# Sex Strike---Conclusion.



## marlborolights (Jan 21, 2009)

Well...
First of all, sorry for the disappearance. out of all times my computer decided it didnt want to work for a while. Still giving me trouble.
Ok.
So he doesnt get in until 1 am. I have the candles, neglige, dinner, etc....
I hear him fumble with his things at the door and I go to look through the peephole thinking...Ok...here it goes...Forget everything that's ever hurt or bothered you....here comes the fresh start. Through the peep hole I see him take out his breath spray and spray it, then take out some cologne and use that too. I dont know why, but I just thought it was insanely cute. Like he was as excited as I am.
He walked through the door and I smiled and kissed him hello. I told him welcome back and we missed you. He said he missed us too. I asked him if he wanted to eat and he said later. He told me some things about his trip and I noticed he was very much trying to make an effort to be more talkative and actually COMPLEMENTED me on my make up, hair, looks in general. He then pulled out a pearl and diamond necklace with matching earings and gave them to me as a gift. Ok..I was shocked. I'm so not used to this. Never did I get a gift like that from him before, or even any gift, in a long time. I had no idea what to say. what to do. I was fighting back tears if you want the truth.
Then he pulled out a Donna Karen watch and gave that to me. Again. Shocked, and overwhelmed. This is the man who doesnt even do birthday or holiday gifts.
I told him he didnt have to do it, and that I didnt mean I wanted him to buy me things but just treat me as a wife, he said he did it because he wanted to. I thanked him for it. We talked for a while and then I ended my strike. I ended it three times actually.
The next day he was also very attentive and sweet. We took the kids out to McDonalds to play and then stayed up and talked and watched a movie.
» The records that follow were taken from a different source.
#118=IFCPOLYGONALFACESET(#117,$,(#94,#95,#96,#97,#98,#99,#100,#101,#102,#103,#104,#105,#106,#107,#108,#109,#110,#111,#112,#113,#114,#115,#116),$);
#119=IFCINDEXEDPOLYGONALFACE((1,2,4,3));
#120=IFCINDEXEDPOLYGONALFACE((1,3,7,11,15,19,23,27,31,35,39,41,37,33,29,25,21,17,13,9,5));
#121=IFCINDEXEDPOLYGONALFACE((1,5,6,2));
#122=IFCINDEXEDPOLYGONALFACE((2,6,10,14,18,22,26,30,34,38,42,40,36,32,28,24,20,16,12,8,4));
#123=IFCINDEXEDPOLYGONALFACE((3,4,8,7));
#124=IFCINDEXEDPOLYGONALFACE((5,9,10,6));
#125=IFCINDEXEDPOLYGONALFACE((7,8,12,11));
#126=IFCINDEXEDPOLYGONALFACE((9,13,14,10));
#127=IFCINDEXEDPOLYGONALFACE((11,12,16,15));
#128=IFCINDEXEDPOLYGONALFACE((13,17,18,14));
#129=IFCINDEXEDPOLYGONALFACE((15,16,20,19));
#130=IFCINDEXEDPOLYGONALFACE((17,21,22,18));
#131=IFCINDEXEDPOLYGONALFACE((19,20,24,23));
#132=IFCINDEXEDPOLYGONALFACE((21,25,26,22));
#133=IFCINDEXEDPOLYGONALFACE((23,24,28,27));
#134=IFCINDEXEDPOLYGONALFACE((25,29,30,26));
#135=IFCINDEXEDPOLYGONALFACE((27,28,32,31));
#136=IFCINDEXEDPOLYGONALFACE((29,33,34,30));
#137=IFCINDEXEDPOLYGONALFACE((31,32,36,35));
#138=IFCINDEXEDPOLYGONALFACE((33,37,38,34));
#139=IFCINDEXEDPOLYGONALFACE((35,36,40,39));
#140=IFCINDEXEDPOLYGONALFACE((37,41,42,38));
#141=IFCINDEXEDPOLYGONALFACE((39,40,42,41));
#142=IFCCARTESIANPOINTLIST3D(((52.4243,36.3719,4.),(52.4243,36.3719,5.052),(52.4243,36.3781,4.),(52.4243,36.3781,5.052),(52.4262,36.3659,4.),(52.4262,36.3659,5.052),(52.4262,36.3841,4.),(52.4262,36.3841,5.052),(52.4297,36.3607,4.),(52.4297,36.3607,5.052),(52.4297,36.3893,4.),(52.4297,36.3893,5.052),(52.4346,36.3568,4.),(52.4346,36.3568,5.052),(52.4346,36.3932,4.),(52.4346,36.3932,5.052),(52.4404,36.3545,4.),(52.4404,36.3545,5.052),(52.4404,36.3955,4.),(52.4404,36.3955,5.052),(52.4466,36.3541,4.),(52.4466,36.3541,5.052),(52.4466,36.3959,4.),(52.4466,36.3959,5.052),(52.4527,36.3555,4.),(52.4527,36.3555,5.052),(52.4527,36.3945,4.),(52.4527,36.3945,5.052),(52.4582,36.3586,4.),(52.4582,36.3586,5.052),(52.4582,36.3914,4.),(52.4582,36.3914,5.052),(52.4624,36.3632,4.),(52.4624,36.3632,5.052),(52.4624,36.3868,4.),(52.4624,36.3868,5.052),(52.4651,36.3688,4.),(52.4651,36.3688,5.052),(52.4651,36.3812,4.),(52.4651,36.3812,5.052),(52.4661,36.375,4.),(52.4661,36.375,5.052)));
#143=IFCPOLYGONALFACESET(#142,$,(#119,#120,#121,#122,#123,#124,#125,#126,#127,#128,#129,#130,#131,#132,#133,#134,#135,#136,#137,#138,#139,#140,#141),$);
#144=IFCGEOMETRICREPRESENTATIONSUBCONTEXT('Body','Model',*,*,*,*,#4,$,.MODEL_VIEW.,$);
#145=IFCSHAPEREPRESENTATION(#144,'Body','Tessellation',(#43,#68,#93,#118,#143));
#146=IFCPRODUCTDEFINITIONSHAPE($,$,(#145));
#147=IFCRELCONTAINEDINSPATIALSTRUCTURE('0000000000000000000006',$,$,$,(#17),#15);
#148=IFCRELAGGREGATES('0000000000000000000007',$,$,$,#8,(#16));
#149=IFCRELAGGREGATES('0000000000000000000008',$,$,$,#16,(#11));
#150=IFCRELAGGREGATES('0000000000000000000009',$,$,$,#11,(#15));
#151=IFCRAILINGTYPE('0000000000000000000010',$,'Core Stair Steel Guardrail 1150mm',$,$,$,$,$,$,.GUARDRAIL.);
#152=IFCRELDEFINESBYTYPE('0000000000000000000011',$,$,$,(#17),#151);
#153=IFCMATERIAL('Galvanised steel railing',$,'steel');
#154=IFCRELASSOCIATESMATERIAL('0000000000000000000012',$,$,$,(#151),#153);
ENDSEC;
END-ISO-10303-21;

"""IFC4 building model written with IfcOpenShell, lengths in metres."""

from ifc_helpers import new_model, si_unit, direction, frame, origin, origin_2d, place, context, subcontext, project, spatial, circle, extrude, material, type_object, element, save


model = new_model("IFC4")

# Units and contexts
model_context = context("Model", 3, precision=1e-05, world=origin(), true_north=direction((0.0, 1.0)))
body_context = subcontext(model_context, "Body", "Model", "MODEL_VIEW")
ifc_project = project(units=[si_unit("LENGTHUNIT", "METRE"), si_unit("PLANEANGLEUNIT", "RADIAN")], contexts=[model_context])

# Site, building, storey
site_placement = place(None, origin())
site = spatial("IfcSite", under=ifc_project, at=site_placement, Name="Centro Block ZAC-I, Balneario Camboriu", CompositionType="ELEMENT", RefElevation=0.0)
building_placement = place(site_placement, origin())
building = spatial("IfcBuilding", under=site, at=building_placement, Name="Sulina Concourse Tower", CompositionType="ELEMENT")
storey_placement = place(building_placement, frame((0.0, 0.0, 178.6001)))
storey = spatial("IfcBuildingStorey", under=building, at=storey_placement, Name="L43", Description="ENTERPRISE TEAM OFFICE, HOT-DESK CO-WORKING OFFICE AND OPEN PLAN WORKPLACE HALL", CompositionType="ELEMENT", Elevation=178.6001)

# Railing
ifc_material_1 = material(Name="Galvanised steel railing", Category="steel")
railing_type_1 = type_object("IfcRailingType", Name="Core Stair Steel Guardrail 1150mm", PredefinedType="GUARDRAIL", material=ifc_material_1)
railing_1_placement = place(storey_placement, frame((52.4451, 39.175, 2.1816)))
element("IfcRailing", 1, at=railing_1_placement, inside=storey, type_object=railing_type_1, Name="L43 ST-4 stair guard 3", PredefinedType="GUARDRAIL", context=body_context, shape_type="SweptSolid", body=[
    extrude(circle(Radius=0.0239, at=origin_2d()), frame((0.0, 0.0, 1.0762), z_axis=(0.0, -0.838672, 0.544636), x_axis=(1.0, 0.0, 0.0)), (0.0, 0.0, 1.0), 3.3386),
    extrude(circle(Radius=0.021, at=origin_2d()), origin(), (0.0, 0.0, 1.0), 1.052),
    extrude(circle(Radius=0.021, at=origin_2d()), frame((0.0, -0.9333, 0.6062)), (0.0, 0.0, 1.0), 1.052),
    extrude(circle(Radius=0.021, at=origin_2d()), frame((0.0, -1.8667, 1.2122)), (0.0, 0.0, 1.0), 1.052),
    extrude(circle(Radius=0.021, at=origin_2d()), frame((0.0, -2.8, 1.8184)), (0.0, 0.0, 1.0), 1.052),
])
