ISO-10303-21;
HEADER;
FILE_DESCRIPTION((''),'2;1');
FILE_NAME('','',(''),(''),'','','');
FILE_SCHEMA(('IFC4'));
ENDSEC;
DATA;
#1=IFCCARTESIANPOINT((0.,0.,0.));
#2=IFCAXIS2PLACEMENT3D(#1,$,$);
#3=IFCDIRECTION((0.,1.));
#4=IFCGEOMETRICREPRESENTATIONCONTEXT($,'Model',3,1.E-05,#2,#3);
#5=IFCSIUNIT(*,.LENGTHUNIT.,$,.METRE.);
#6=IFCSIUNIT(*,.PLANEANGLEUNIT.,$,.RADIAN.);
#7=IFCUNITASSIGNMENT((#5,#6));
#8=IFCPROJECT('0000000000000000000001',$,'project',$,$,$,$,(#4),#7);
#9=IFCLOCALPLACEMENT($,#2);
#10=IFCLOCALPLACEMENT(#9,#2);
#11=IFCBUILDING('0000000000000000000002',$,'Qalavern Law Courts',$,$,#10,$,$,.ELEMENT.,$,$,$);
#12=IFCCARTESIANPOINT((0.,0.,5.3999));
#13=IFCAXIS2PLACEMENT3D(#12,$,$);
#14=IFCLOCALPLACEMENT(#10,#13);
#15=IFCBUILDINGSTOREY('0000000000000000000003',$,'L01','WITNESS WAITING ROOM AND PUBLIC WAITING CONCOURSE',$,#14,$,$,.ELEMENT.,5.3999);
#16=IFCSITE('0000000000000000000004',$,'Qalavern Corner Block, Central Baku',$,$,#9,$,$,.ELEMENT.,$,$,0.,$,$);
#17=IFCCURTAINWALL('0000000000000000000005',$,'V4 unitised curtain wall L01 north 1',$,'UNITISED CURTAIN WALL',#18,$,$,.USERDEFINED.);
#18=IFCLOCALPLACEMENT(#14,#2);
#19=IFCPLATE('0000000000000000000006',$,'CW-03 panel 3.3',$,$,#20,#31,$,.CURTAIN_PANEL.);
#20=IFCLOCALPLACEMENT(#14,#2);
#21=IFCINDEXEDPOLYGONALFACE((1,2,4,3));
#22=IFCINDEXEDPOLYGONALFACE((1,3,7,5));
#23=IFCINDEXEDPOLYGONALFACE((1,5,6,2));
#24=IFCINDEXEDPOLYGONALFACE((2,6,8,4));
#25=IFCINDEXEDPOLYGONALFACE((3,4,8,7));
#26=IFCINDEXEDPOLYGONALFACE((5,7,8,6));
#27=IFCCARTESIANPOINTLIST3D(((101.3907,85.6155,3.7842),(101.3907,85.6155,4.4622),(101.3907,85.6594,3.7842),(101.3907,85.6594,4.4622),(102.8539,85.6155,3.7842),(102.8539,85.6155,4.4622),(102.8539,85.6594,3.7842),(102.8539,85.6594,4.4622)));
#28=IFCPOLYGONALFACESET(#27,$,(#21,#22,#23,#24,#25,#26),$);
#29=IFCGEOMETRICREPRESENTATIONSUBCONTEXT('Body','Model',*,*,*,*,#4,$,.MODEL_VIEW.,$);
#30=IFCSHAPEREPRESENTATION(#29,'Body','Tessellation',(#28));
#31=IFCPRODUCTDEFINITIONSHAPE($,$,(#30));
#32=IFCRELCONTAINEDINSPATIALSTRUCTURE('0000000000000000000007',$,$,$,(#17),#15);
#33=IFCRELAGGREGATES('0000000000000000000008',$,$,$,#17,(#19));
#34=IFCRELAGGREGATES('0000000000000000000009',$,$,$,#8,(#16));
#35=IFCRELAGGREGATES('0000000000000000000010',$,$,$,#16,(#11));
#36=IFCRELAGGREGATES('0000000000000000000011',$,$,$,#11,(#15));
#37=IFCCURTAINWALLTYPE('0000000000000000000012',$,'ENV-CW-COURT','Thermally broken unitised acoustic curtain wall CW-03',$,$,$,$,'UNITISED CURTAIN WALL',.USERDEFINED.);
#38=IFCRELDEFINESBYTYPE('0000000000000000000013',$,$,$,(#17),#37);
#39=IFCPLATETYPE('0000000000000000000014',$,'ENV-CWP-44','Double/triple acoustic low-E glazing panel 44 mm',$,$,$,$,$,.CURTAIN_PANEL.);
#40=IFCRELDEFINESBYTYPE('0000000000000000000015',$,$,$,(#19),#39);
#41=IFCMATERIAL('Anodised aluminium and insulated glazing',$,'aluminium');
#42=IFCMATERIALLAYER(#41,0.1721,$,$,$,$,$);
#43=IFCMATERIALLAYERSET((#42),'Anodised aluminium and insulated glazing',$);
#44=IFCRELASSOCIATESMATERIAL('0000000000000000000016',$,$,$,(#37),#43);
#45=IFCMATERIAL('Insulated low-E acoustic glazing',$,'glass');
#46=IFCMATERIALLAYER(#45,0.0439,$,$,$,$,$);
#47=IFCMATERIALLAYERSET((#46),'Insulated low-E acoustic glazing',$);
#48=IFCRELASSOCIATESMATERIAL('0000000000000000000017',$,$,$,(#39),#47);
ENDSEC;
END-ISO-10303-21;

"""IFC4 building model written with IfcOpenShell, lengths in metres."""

from ifc_helpers import new_model, si_unit, direction, frame, origin, origin_2d, place, context, subcontext, project, spatial, rectangle, extrude, material, layer, layer_set, type_object, element, aggregate, save


model = new_model("IFC4")

# Units and contexts
model_context = context("Model", 3, precision=1e-05, world=origin(), true_north=direction((0.0, 1.0)))
body_context = subcontext(model_context, "Body", "Model", "MODEL_VIEW")
ifc_project = project(units=[si_unit("LENGTHUNIT", "METRE"), si_unit("PLANEANGLEUNIT", "RADIAN")], contexts=[model_context])

# Site, building, storey
site_placement = place(None, origin())
site = spatial("IfcSite", under=ifc_project, at=site_placement, Name="Qalavern Corner Block, Central Baku", CompositionType="ELEMENT", RefElevation=0.0)
building_placement = place(site_placement, origin())
building = spatial("IfcBuilding", under=site, at=building_placement, Name="Qalavern Law Courts", CompositionType="ELEMENT")
storey_placement = place(building_placement, frame((0.0, 0.0, 5.3999)))
storey = spatial("IfcBuildingStorey", under=building, at=storey_placement, Name="L01", Description="WITNESS WAITING ROOM AND PUBLIC WAITING CONCOURSE", CompositionType="ELEMENT", Elevation=5.3999)

# Curtain wall
ifc_material_1 = material(Name="Anodised aluminium and insulated glazing", Category="aluminium")
ifc_layer_1 = layer(ifc_material_1, 0.1721)
ifc_layer_set_1 = layer_set([ifc_layer_1], Name="Anodised aluminium and insulated glazing")
curtain_wall_type = type_object("IfcCurtainWallType", Name="ENV-CW-COURT", Description="Thermally broken unitised acoustic curtain wall CW-03", ElementType="UNITISED CURTAIN WALL", PredefinedType="USERDEFINED", material=ifc_layer_set_1)
curtain_wall_placement = place(storey_placement, origin())
curtain_wall = element("IfcCurtainWall", 1, at=curtain_wall_placement, inside=storey, type_object=curtain_wall_type, Name="V4 unitised curtain wall L01 north 1", ObjectType="UNITISED CURTAIN WALL", PredefinedType="USERDEFINED")

# Plate
ifc_material_2 = material(Name="Insulated low-E acoustic glazing", Category="glass")
ifc_layer_2 = layer(ifc_material_2, 0.0439)
ifc_layer_set_2 = layer_set([ifc_layer_2], Name="Insulated low-E acoustic glazing")
plate_type = type_object("IfcPlateType", Name="ENV-CWP-44", Description="Double/triple acoustic low-E glazing panel 44 mm", PredefinedType="CURTAIN_PANEL", material=ifc_layer_set_2)
plate_1_placement = place(storey_placement, frame((102.1223, 85.6375, 3.7842), z_axis=(0.0, 0.0, 1.0), x_axis=(-1.0, 0.0, 0.0)))
plate_1 = element("IfcPlate", 2, at=plate_1_placement, type_object=plate_type, Name="CW-03 panel 3.3", PredefinedType="CURTAIN_PANEL", context=body_context, shape_type="SweptSolid", body=[
    extrude(rectangle(XDim=1.4631, YDim=0.0439, at=origin_2d()), origin(), (0.0, 0.0, 1.0), 0.678),
])
aggregate(curtain_wall, [plate_1])

save(model, "model.ifc")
The night after that he offered to watch the kids while I go to the mall with my brother (very unlike him) and I took him up on his offer.
Then lastnight he offered to take me out to dinner. I put some make up on, put on a nice black gypsy style top with jeans and put on the jewelry and watch he gave me so he could see me wear it praying the whole time I wouldnt get mugged lol. he took me to a nice buffet style restaurant where we sat and talked and ate for a little over 2 hours.
I myself am also doing my absolute best at trying (and succeeding so far) not to do the things that he revealed to me he didnt like) It was actually very similar to something I think MT posted once...showing how frazzled and frustrated you are at kids and house when he comes from work. He also thought,"looks like it';s going to be a crap day". He said he missed how I used to greet him at the door with a kiss, which I did stop doing, so I'm also doing that among other things.
Well so far so good. He has been getting his sex at least once a day since he's gotten back. I also, with him giving me the special attention, am much more up to doing it and am actually enjoying it now. we have "made up" in the past, but this time something does feel different and I pray to God it lasts on both our sides.
For what its worth to all the women out there, I dont think the strike is what got me these results and I dont reccomend it. I think the strike was merely a much needed wake up call, and the suggested letter writing was what did the trick. Do I think the letter alone would have worked without the strike? I really dont know....but I do believe the strike did have a bit of a benefit as an eye opener. Again though, its not something I would reccomend or do again.
I just want to thank everyone again for all their replies...MT, Swedish, Mich, Brad...Everyone. I know to everyone out there I'm pretty much words on a PC screen, but at the time I posted that first post...I really was a mess. I was even, and ashamed to admit this, starting to have suicidal thoughts.
I'm rewarding all the positive behavior im seeing and making sure he knows its appriciated. When he tells me Im pretty I always make sure I say thank you now. Or even just give him a smile, act very interested in what he's saying, and so much sex that I've never been so happy to start my period. I could barely walk for a while there.
Well I have an early morning and its almost midnight here. So take care everyone and thanks again. Consider me a regular here.


----------



## MarkTwain (Aug 1, 2008)

That's fantastic. Just remember never let it go cold again, and always welcome each other in the door with a kiss - that single thing can go a long way.


----------



## marlborolights (Jan 21, 2009)

Thanks MT.
You know, the thing that shocked me the most, was that after he gave me my gifts, I asked him what he got the boys and he had this "Oh crap" look on his face. I thought he was kidding, but he really forgot completely about them. If my husband goes to pick up the drycleaning, he has to come home with some candy or something for the kids. I cant tell you how spoiled they are by this man. But when I thought about it, I would like to believe that the reason he forgot to get them something was that how I expressed the way I was feeling in that letter was all he could focus on. (He did run to the little market next door and get some toys for them)


----------



## Blanca (Jul 25, 2008)

im so happy things have turned around for you. it sounds like you two really connected. :smthumbup:


----------



## T.O.girl (Dec 18, 2008)

wow...that's a complete 180. so happy for u. can u post that letter? u did promise you would post in in your original posting. we can probably learn a lot from it :smthumbup:


----------



## marlborolights (Jan 21, 2009)

LOL, I had to write that whole letter by hand, cos my printer didnt want to work! All it was really was how I was feeling about things, some things about my childhood I once told him back when dating but thought hey maybe he forgot, what I have been doing wrong, etc. I think the key to the letter was that I tried my best not to make it sound like I was blaming or faulting him (even though I was like 90%) and said a lot of "we" instead of "you. I think that way made him a lot less defensive.


----------



## okeydokie (Sep 10, 2008)

great news, i hope the happiness continues


----------



## swedish (Mar 6, 2008)

great update & thanks for sharing it with us!


----------